2012-10-09 Thread Mark Kampe

I'm not a real engineer, so please forgive me if I misunderstand,
but can't you create a separate rule for each data center (choosing
first a local copy, and then remote copies), which should ensure
that the primary is always local.  Each data center would then
use a different pool, associated with the appropriate location-
sensitive rule.

Does this approach get you the desired locality preference?

--
To unsubscribe from this list: send the line "unsubscribe ceph-devel" in
the body of a message to majord...@vger.kernel.org
More majordomo info at  http://vger.kernel.org/majordomo-info.html


Re: Newbie questions

2012-10-06 Thread Mark Kampe

In your original question, I assumed you were talking about the
partitioning of a single cluster.  Now you are talking about
Geographic Disaster Recovery: the replication of data across
multiple (relatively) independent clusters.  This is not yet
supported, but it is most definitely on the road-map.

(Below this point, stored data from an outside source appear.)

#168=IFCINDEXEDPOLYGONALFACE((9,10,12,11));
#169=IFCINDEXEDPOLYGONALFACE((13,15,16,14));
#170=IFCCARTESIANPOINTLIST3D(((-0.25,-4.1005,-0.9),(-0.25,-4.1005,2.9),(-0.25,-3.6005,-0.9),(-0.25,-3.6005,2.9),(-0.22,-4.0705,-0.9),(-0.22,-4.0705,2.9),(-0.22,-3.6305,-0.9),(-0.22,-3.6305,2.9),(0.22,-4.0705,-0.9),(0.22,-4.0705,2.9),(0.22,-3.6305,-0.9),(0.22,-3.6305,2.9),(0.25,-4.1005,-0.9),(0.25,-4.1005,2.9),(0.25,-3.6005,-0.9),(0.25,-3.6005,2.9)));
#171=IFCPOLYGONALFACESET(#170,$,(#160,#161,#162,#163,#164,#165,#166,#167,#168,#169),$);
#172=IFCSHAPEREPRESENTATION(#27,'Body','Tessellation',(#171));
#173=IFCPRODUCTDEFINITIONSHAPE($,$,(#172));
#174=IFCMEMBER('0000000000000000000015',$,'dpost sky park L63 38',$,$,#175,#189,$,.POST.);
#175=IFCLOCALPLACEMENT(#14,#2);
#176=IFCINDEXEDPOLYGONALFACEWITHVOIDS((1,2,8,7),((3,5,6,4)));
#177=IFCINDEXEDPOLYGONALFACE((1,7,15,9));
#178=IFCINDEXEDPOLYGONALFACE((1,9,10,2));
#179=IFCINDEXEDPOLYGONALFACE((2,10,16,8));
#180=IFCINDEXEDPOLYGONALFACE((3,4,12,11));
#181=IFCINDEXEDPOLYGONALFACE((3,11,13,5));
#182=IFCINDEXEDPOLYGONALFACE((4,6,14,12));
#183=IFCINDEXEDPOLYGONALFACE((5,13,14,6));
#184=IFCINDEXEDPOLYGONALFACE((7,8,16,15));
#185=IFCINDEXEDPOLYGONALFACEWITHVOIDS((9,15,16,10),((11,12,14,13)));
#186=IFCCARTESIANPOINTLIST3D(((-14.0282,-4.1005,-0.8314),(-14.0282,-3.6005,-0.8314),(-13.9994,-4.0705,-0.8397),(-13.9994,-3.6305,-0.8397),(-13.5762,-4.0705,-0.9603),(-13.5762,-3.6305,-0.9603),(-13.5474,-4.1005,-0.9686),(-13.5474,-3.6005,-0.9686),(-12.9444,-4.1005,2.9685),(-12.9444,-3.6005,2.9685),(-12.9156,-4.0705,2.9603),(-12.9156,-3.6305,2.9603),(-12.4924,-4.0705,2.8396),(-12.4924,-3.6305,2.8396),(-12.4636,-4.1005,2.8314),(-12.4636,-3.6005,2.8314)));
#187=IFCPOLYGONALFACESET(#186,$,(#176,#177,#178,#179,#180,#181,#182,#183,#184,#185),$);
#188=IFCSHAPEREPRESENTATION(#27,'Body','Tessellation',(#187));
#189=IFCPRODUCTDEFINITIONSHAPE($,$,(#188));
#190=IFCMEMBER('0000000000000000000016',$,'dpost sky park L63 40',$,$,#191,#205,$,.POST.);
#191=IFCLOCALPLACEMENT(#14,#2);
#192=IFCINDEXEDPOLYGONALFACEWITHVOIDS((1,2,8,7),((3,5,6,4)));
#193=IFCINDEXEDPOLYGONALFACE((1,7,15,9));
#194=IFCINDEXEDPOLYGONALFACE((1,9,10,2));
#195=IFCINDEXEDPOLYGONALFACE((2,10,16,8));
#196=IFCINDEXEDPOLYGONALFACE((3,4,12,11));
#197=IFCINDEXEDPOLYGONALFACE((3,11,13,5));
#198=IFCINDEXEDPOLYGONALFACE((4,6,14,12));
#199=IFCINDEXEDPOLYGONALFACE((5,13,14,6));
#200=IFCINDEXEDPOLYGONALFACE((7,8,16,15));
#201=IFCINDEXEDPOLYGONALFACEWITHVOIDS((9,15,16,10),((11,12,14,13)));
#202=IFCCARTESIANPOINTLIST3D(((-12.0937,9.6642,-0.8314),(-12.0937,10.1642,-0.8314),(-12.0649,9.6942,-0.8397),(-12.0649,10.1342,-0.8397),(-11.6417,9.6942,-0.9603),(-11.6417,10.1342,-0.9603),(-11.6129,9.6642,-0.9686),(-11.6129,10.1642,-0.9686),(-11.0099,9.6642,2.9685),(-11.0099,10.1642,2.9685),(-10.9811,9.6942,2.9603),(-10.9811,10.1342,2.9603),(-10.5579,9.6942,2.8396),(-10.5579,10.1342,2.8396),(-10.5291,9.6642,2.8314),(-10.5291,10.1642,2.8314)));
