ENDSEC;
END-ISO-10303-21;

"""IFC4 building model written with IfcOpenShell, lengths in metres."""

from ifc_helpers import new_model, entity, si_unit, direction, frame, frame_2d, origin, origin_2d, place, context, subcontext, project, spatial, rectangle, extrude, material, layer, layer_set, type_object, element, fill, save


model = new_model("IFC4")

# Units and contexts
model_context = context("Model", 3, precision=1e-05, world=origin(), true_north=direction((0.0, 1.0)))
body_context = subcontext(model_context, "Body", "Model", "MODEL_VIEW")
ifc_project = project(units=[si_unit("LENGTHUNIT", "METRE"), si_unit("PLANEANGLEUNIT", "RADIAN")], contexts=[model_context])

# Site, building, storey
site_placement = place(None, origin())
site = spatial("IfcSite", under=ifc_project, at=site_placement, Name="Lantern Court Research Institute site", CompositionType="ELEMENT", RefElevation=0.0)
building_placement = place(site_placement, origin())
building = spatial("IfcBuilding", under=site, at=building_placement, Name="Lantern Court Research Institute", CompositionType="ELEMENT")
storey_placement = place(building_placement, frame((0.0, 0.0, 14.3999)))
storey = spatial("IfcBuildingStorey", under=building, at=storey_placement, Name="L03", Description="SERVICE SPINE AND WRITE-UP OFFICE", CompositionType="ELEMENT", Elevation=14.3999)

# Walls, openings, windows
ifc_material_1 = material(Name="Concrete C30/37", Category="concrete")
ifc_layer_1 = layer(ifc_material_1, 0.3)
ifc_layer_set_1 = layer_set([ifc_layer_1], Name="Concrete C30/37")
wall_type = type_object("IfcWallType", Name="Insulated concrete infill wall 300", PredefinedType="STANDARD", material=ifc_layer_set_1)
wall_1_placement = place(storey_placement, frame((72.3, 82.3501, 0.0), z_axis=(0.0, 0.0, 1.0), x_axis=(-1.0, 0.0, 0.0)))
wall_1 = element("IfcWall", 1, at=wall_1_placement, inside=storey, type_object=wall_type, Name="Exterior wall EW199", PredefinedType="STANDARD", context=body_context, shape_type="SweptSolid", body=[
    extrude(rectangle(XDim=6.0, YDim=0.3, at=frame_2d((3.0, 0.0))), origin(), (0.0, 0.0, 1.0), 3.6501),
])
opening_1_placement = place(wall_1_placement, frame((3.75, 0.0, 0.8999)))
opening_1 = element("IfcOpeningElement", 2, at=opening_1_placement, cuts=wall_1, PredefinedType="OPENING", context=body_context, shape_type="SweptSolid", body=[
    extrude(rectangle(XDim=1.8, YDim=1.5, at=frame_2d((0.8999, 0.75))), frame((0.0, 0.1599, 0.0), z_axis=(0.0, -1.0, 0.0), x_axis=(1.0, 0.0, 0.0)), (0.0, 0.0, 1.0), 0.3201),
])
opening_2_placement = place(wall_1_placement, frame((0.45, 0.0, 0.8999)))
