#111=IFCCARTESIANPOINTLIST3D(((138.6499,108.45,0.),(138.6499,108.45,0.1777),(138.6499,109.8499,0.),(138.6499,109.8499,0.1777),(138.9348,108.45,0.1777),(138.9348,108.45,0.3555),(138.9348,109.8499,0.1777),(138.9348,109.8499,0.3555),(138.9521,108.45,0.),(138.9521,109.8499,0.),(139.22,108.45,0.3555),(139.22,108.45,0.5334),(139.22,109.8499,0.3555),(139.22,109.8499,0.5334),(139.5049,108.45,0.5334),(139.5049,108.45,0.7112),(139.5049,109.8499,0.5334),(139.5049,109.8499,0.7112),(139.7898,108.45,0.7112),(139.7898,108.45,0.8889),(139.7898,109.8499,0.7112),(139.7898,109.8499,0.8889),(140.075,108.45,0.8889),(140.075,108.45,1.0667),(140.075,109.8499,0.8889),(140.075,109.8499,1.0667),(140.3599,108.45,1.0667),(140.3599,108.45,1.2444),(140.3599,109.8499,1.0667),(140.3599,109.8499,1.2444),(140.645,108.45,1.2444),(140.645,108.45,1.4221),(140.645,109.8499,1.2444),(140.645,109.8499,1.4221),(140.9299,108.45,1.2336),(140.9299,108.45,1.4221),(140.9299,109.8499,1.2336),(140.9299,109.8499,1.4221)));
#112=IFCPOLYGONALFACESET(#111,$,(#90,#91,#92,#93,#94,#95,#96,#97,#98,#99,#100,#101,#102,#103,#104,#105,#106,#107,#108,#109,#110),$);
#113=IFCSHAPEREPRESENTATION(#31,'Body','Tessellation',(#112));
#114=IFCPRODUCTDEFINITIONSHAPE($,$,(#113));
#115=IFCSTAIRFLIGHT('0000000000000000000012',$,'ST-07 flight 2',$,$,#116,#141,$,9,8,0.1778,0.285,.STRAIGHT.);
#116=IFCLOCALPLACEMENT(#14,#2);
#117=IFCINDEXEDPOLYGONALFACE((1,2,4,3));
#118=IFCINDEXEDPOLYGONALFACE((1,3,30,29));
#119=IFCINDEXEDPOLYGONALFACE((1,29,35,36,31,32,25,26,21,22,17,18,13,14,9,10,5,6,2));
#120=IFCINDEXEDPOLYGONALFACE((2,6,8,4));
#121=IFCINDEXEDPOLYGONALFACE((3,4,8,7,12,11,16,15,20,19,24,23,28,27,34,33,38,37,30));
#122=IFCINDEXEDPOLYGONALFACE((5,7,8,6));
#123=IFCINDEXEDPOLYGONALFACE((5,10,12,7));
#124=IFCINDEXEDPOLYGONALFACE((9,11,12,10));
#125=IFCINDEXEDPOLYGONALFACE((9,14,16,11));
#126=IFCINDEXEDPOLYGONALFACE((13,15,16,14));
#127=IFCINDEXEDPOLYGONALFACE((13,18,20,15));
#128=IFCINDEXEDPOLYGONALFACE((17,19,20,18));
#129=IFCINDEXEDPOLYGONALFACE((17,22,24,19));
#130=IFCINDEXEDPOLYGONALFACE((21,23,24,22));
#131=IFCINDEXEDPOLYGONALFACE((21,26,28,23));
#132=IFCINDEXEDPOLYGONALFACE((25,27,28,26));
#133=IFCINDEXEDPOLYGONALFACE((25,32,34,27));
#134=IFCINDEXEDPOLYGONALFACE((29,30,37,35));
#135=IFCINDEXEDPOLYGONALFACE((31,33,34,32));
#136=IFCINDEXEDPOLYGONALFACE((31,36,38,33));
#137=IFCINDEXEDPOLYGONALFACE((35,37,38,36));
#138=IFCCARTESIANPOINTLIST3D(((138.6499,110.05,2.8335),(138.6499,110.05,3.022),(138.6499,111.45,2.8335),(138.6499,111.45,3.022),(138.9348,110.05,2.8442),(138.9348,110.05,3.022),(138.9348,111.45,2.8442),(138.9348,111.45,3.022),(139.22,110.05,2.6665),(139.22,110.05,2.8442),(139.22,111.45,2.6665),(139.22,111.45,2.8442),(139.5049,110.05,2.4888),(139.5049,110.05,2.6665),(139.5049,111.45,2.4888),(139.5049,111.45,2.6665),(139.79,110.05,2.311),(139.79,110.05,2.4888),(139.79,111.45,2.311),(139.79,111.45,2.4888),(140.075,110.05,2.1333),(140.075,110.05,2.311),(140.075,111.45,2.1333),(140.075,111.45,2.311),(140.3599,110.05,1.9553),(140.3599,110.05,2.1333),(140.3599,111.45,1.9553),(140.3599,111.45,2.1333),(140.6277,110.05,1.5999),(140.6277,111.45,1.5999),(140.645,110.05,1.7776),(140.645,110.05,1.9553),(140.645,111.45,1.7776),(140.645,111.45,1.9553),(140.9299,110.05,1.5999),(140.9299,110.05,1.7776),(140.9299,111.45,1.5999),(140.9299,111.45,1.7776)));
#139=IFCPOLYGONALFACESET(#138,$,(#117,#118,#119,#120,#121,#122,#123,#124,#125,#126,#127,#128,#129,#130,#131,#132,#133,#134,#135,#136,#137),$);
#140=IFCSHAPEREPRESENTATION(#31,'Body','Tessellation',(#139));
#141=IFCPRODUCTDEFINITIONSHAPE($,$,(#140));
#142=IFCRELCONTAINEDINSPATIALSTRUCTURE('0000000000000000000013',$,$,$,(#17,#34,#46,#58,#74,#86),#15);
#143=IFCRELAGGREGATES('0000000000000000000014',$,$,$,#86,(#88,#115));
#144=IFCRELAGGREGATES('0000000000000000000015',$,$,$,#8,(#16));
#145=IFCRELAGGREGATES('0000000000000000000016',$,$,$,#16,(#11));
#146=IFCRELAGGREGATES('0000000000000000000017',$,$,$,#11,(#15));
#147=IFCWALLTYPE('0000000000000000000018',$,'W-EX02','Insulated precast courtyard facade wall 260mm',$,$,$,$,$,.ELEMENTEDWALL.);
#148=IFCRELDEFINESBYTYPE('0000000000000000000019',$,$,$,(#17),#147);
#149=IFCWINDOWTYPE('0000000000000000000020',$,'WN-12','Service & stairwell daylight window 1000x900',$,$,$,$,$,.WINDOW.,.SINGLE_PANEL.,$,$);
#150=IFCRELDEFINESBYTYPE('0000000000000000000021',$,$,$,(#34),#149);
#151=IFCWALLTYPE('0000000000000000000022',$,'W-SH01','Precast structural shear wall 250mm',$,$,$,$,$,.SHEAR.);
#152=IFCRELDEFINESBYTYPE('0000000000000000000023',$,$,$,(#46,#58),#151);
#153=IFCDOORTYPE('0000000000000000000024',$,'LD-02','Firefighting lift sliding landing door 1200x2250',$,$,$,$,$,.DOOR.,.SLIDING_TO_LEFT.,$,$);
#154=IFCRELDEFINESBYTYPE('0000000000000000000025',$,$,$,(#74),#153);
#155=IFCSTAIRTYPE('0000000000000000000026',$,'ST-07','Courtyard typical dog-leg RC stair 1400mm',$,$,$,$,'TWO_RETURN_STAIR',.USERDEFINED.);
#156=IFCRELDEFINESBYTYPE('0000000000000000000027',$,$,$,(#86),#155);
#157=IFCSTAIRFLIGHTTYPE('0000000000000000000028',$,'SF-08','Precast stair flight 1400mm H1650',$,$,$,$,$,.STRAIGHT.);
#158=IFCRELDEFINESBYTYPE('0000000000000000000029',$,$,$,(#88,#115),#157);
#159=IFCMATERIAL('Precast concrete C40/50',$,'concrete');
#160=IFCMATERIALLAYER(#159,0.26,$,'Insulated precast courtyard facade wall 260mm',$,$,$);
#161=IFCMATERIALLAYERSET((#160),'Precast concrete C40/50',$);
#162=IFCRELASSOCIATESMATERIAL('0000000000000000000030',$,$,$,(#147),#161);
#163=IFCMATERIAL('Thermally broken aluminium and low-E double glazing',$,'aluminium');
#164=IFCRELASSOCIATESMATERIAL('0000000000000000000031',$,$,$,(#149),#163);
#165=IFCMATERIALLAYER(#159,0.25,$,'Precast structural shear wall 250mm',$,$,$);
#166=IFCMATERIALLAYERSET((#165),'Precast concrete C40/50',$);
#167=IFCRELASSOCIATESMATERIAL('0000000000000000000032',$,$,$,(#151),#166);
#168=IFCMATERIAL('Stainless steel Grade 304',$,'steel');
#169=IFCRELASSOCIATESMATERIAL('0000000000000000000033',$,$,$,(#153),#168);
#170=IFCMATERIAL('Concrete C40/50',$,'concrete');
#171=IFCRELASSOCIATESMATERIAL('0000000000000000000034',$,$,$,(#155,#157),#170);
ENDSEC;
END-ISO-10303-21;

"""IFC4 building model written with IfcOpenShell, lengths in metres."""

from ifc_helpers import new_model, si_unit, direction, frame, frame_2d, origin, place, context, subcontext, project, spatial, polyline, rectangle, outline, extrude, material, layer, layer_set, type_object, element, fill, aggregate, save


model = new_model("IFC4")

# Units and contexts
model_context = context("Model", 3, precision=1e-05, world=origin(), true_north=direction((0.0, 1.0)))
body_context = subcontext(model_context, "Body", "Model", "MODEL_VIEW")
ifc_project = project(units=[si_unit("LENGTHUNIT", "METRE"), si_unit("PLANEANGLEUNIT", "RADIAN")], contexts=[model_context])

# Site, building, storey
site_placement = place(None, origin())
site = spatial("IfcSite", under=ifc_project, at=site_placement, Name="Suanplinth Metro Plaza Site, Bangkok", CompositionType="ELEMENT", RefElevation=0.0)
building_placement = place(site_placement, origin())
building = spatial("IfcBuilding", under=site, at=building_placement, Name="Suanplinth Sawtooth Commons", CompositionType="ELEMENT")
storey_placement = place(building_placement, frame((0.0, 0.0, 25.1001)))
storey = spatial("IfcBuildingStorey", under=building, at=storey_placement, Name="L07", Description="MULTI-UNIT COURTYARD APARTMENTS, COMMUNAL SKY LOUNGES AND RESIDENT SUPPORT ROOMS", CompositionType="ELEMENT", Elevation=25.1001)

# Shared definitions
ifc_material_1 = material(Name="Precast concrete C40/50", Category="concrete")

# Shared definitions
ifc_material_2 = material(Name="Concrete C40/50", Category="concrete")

On 10/6/2012 5:08 PM, Adam Nielsen wrote:

The problem you are describing is called split-brain.  Ceph has an odd
number of monitors and quorum is required before objects can be served.
The partition with the smaller number of monitors will wait harmlessly
until connectivity is reestablished .


Ah right, that makes sense.  Is this set in stone or can it be
configured? I'm just thinking that in this scenario it could be
beneficial to allow read-only access from the partition with the smaller
number of monitors, if there are also clients that can only see those
hosts.  (For example, a business with two sites, and the link between
them goes down, so client PCs can only see their site-local servers.)


--
To unsubscribe from this list: send the line "unsubscribe ceph-devel" in
the body of a message to majord...@vger.kernel.org
More majordomo info at  http://vger.kernel.org/majordomo-info.html


Re: Newbie questions

2012-10-06 Thread Mark Kampe

The problem you are describing is called split-brain.  Ceph has an odd number 
of monitors and quorum is required before objects can be served.  The partition 
with the smaller number of monitors will wait harmlessly until connectivity is 
reestablished .

Adam Nielsen  wrote:

>Thanks both for your answers - very informative.  I think I will set up a test 
>Ceph system on my home servers to try it out.
>
>I have one more question:
>
>Ceph seems to handle failed nodes well enough, but what about failed network 
>links?  Say you have a few systems in two locations, connected by a single 
>link.  If the link fails, you will have two isolated networks, each of which 
>will think the other has failed and presumably will try to go on as best it 
>can.  What happens when the link comes back up again?  What if the same file 
>was modified by both isolated clusters when the link was down?  What version 
>will end up back in the cluster?
>
>Thanks again,
>Adam.
>
>
>--
>To unsubscribe from this list: send the line "unsubscribe ceph-devel" in
>the body of a message to majord...@vger.kernel.org
>More majordomo info at  http://vger.kernel.org/majordomo-info.html


Re: Release/branch naming; input requested

2012-05-21 Thread Mark Kampe



On 05/18/12 09:32, Sage Weil wrote:


I think we can limit the relative branches to:

  master = integration, unstable, tip, bleeding edge (same as now)
  [next] = next upcoming release (same as now)
  current = most recent release
  stable = most recent stable release


We have already signed one contract that obligates us
to years of support, and once customers go into production
they will be loathe to move to each new stable release as
it comes out.  Thus, I fear that we will be maintaining
multiple stable releases ... but once a stable release ceases
to be the newest, the bar on what has to be back-ported to
it can be significantly raised, lowering the cost.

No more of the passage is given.